Ostorhinchus cookii, common names Cook's cardinalfish, Cook's soldierfish, blackbanded cardinal, blackbanded cardinalfish, is a species of marine fish in the family Apogonidae.

This species grows to a maximum length of 10 cm. It is a reef fish that is also used in the aquarium industry. Its distribution extends from the Red Sea and the Gulf of Oman south to KwaZulu Natal eastwards into the western Pacific from Japan to the Great Barrier Reef and New Caledonia. It has been reported to occur in Tonga and from Persian Gulf. This is a nocturnal species of rocky area sand coral reefs below the low water mark but no deeper than 10 m that spends the day near ledges. It lives solitarily or in small groups.

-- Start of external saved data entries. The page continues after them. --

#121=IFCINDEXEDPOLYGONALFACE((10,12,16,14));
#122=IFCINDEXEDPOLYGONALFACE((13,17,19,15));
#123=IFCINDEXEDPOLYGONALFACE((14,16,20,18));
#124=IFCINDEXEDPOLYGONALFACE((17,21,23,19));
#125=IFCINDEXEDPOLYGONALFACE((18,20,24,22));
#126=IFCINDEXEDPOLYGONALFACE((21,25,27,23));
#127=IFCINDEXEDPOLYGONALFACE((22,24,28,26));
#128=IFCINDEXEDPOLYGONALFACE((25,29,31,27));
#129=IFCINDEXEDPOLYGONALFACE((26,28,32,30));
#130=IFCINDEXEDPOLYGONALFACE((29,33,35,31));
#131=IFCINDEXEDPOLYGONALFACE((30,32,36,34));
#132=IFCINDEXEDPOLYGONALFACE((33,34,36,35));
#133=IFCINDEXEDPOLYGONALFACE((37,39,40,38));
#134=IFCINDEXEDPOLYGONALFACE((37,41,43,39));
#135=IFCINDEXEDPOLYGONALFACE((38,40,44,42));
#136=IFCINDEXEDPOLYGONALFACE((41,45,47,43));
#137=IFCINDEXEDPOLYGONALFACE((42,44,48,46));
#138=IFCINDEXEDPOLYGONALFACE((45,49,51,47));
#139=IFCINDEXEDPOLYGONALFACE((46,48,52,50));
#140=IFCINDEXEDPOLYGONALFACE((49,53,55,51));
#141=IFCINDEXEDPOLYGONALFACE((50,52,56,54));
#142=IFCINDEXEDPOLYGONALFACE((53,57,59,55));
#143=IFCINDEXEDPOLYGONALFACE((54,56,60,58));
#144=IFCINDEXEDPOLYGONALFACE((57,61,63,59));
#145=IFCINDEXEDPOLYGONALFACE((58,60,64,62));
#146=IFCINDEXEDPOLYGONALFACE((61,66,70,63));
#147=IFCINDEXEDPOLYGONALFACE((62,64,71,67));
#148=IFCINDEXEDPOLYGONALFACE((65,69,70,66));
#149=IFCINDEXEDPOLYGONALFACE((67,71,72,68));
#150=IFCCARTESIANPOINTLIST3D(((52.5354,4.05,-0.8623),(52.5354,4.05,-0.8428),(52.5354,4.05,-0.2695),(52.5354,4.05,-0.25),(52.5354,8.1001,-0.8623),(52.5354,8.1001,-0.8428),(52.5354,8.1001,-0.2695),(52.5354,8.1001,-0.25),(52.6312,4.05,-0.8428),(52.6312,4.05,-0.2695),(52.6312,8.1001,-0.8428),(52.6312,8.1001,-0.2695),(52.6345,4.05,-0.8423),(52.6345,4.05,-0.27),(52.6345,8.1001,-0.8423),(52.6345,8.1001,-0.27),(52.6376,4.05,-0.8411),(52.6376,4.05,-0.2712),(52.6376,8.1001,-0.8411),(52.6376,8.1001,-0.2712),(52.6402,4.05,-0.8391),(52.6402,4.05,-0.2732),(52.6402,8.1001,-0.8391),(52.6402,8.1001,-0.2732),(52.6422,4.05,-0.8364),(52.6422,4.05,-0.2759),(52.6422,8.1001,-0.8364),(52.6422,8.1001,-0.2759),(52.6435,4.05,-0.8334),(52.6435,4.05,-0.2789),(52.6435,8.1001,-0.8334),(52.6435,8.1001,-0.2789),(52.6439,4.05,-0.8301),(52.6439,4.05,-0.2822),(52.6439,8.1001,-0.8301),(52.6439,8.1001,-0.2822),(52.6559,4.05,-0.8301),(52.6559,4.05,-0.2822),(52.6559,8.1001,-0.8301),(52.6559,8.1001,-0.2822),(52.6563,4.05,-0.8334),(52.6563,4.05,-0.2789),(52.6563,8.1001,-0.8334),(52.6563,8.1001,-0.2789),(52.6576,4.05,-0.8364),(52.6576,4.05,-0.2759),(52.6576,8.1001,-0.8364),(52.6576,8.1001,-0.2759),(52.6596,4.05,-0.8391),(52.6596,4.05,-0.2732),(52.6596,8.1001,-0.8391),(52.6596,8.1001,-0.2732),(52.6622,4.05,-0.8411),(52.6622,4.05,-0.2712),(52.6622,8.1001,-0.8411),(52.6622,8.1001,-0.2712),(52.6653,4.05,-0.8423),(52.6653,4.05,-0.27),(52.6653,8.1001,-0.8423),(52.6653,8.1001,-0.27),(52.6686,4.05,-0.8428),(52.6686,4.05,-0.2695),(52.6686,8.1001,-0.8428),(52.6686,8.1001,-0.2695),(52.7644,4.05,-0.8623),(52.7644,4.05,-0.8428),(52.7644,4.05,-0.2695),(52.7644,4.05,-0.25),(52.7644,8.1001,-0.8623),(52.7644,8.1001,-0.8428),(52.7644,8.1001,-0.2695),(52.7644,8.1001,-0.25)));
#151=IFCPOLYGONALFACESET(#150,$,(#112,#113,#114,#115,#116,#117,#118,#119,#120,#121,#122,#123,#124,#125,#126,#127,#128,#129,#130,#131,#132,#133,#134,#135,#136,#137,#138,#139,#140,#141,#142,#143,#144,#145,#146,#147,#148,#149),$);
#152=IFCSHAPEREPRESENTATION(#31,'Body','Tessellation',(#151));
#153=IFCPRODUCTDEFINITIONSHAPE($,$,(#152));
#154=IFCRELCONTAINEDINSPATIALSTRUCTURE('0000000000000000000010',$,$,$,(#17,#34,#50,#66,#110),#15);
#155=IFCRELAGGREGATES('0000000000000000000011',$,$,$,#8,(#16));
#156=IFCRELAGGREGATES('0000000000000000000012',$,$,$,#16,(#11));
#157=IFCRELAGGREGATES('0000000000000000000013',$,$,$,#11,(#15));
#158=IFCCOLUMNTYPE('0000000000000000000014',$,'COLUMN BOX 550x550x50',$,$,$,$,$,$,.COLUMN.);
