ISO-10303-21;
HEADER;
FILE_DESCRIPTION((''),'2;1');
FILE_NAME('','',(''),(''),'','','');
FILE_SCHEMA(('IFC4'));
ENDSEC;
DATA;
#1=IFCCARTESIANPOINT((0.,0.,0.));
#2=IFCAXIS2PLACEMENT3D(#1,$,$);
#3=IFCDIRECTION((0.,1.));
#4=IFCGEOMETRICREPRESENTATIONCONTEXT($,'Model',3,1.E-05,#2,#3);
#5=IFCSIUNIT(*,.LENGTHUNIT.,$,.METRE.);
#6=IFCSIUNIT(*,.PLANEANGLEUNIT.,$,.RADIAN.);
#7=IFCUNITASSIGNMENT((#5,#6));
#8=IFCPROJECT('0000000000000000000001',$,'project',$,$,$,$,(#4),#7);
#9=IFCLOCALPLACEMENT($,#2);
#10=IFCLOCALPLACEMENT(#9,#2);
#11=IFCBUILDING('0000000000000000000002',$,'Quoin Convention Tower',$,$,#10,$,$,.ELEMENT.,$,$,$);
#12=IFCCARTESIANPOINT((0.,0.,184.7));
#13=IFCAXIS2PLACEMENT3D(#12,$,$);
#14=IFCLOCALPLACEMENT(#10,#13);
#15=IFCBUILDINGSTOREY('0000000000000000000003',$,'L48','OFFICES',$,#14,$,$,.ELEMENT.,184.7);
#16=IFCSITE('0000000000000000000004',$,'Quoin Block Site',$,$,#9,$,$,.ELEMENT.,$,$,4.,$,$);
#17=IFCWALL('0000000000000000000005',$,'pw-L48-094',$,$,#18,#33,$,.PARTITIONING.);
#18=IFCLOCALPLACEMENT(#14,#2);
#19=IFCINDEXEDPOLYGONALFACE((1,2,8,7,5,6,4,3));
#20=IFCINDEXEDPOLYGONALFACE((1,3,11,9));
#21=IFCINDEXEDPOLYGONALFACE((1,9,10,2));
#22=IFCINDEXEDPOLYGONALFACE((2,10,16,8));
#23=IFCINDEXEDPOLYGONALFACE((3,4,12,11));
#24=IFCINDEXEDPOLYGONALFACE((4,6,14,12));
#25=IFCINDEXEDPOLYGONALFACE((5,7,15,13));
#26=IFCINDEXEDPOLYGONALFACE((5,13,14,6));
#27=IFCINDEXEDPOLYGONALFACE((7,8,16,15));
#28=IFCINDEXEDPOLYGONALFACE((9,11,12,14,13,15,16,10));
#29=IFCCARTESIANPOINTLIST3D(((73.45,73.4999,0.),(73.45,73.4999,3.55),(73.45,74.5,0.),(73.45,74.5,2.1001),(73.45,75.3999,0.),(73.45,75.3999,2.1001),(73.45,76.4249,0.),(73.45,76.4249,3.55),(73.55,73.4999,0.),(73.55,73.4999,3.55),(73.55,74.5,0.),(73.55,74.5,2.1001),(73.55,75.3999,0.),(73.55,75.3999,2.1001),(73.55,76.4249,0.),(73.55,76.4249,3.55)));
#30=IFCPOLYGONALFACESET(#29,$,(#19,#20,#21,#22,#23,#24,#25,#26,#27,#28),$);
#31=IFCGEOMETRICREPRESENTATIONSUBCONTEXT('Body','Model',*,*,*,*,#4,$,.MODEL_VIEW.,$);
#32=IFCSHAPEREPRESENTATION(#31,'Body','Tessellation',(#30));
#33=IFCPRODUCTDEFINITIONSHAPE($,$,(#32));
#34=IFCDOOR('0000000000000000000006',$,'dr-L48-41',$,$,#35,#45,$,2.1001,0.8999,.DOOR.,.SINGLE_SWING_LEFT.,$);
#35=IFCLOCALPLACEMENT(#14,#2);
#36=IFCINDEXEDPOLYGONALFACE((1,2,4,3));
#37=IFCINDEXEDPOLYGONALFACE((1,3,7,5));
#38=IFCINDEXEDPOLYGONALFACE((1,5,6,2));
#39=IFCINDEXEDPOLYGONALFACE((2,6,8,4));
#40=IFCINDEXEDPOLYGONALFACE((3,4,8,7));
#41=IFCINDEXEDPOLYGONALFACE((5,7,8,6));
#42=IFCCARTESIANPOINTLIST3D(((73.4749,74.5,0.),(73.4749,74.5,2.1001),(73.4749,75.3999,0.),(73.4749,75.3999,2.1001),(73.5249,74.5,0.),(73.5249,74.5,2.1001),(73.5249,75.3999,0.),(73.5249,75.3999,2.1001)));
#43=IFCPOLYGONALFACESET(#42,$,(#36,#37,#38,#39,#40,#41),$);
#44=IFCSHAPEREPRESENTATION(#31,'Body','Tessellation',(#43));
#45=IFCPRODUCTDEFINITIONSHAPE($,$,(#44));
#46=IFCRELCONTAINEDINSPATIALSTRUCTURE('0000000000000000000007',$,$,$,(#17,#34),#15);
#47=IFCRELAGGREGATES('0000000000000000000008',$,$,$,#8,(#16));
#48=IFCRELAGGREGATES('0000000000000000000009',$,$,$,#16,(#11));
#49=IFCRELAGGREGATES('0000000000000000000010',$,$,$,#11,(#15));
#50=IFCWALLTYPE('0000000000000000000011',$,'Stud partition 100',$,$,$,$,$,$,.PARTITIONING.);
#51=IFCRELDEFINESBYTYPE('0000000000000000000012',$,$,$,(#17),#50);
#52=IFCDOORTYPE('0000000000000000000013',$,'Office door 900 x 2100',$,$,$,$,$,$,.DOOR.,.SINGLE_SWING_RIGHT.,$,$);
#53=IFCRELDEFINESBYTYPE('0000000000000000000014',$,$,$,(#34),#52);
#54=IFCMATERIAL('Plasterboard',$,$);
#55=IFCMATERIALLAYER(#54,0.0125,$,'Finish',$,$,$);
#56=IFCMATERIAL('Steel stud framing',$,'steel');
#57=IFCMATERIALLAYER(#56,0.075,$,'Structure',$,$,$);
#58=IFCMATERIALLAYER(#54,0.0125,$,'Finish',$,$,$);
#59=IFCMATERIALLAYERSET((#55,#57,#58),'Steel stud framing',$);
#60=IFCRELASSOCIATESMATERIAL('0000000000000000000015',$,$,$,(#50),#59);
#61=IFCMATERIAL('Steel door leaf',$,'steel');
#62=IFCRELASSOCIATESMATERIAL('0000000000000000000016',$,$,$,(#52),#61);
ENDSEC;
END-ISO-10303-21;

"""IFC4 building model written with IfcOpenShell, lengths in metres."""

from ifc_helpers import new_model, si_unit, direction, frame, frame_2d, origin, place, context, subcontext, project, spatial, rectangle, extrude, material, layer, layer_set, type_object, element, fill, save


model = new_model("IFC4")

# Units and contexts
model_context = context("Model", 3, precision=1e-05, world=origin(), true_north=direction((0.0, 1.0)))
body_context = subcontext(model_context, "Body", "Model", "MODEL_VIEW")
ifc_project = project(units=[si_unit("LENGTHUNIT", "METRE"), si_unit("PLANEANGLEUNIT", "RADIAN")], contexts=[model_context])

# Site, building, storey
site_placement = place(None, origin())
site = spatial("IfcSite", under=ifc_project, at=site_placement, Name="Quoin Block Site", CompositionType="ELEMENT", RefElevation=4.0)
building_placement = place(site_placement, origin())
building = spatial("IfcBuilding", under=site, at=building_placement, Name="Quoin Convention Tower", CompositionType="ELEMENT")
storey_placement = place(building_placement, frame((0.0, 0.0, 184.7)))
storey = spatial("IfcBuildingStorey", under=building, at=storey_placement, Name="L48", Description="OFFICES", CompositionType="ELEMENT", Elevation=184.7)

# Shared definitions
ifc_material_1 = material(Name="Plasterboard")
ifc_material_2 = material(Name="Steel stud framing", Category="steel")

# Wall, opening, door
ifc_layer_1 = layer(ifc_material_1, 0.0125, Name="Finish")
ifc_layer_2 = layer(ifc_material_2, 0.075, Name="Structure")
ifc_layer_3 = layer(ifc_material_1, 0.0125, Name="Finish")
ifc_layer_set_1 = layer_set([ifc_layer_1, ifc_layer_2, ifc_layer_3], Name="Steel stud framing")
wall_type_1 = type_object("IfcWallType", Name="Stud partition 100", PredefinedType="PARTITIONING", material=ifc_layer_set_1)
wall_1_placement = place(storey_placement, frame((73.5, 73.5, 0.0), z_axis=(0.0, 0.0, 1.0), x_axis=(0.0, 1.0, 0.0)))
wall_1 = element("IfcWall", 1, at=wall_1_placement, inside=storey, type_object=wall_type_1, Name="pw-L48-094", PredefinedType="PARTITIONING", context=body_context, shape_type="SweptSolid", body=[
    extrude(rectangle(XDim=2.925, YDim=0.1001, at=frame_2d((1.4624, 0.0))), origin(), (0.0, 0.0, 1.0), 3.55),
])
opening_1_placement = place(wall_1_placement, frame((1.0, 0.0, 0.0)))
opening_1 = element("IfcOpeningElement", 2, at=opening_1_placement, cuts=wall_1, PredefinedType="OPENING", context=body_context, shape_type="SweptSolid", body=[
    extrude(rectangle(XDim=0.8999, YDim=2.1001, at=frame_2d((0.45, 1.05))), frame((0.0, 0.0601, 0.0), z_axis=(0.0, -1.0, 0.0), x_axis=(1.0, 0.0, 0.0)), (0.0, 0.0, 1.0), 0.1201),
])
ifc_material_3 = material(Name="Steel door leaf", Category="steel")
door_type = type_object("IfcDoorType", Name="Office door 900 x 2100", OperationType="SINGLE_SWING_RIGHT", PredefinedType="DOOR", material=ifc_material_3)
door_placement = place(opening_1_placement, frame((0.8999, 0.0, 0.0), z_axis=(0.0, 0.0, 1.0), x_axis=(-1.0, 0.0, 0.0)))
door = element("IfcDoor", 3, at=door_placement, inside=storey, type_object=door_type, Name="dr-L48-41", OperationType="SINGLE_SWING_LEFT", OverallHeight=2.1001, OverallWidth=0.8999, PredefinedType="DOOR", context=body_context, shape_type="SweptSolid", body=[
    extrude(rectangle(XDim=0.8999, YDim=2.1001, at=frame_2d((0.45, 1.05))), frame((0.0, 0.0249, 0.0), z_axis=(0.0, -1.0, 0.0), x_axis=(1.0, 0.0, 0.0)), (0.0, 0.0, 1.0), 0.05),
])
fill(opening_1, door)

save(model, "model.ifc")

Macleay did not specify who the specific name honours but it is almost certainly Captain James Cook (1728-1779) the British explorer, navigator and cartographer. Cook named the type locality, the Endeavour River in Queensland after his ship, HMS Endeavour, after beaching there for repairs in 1770.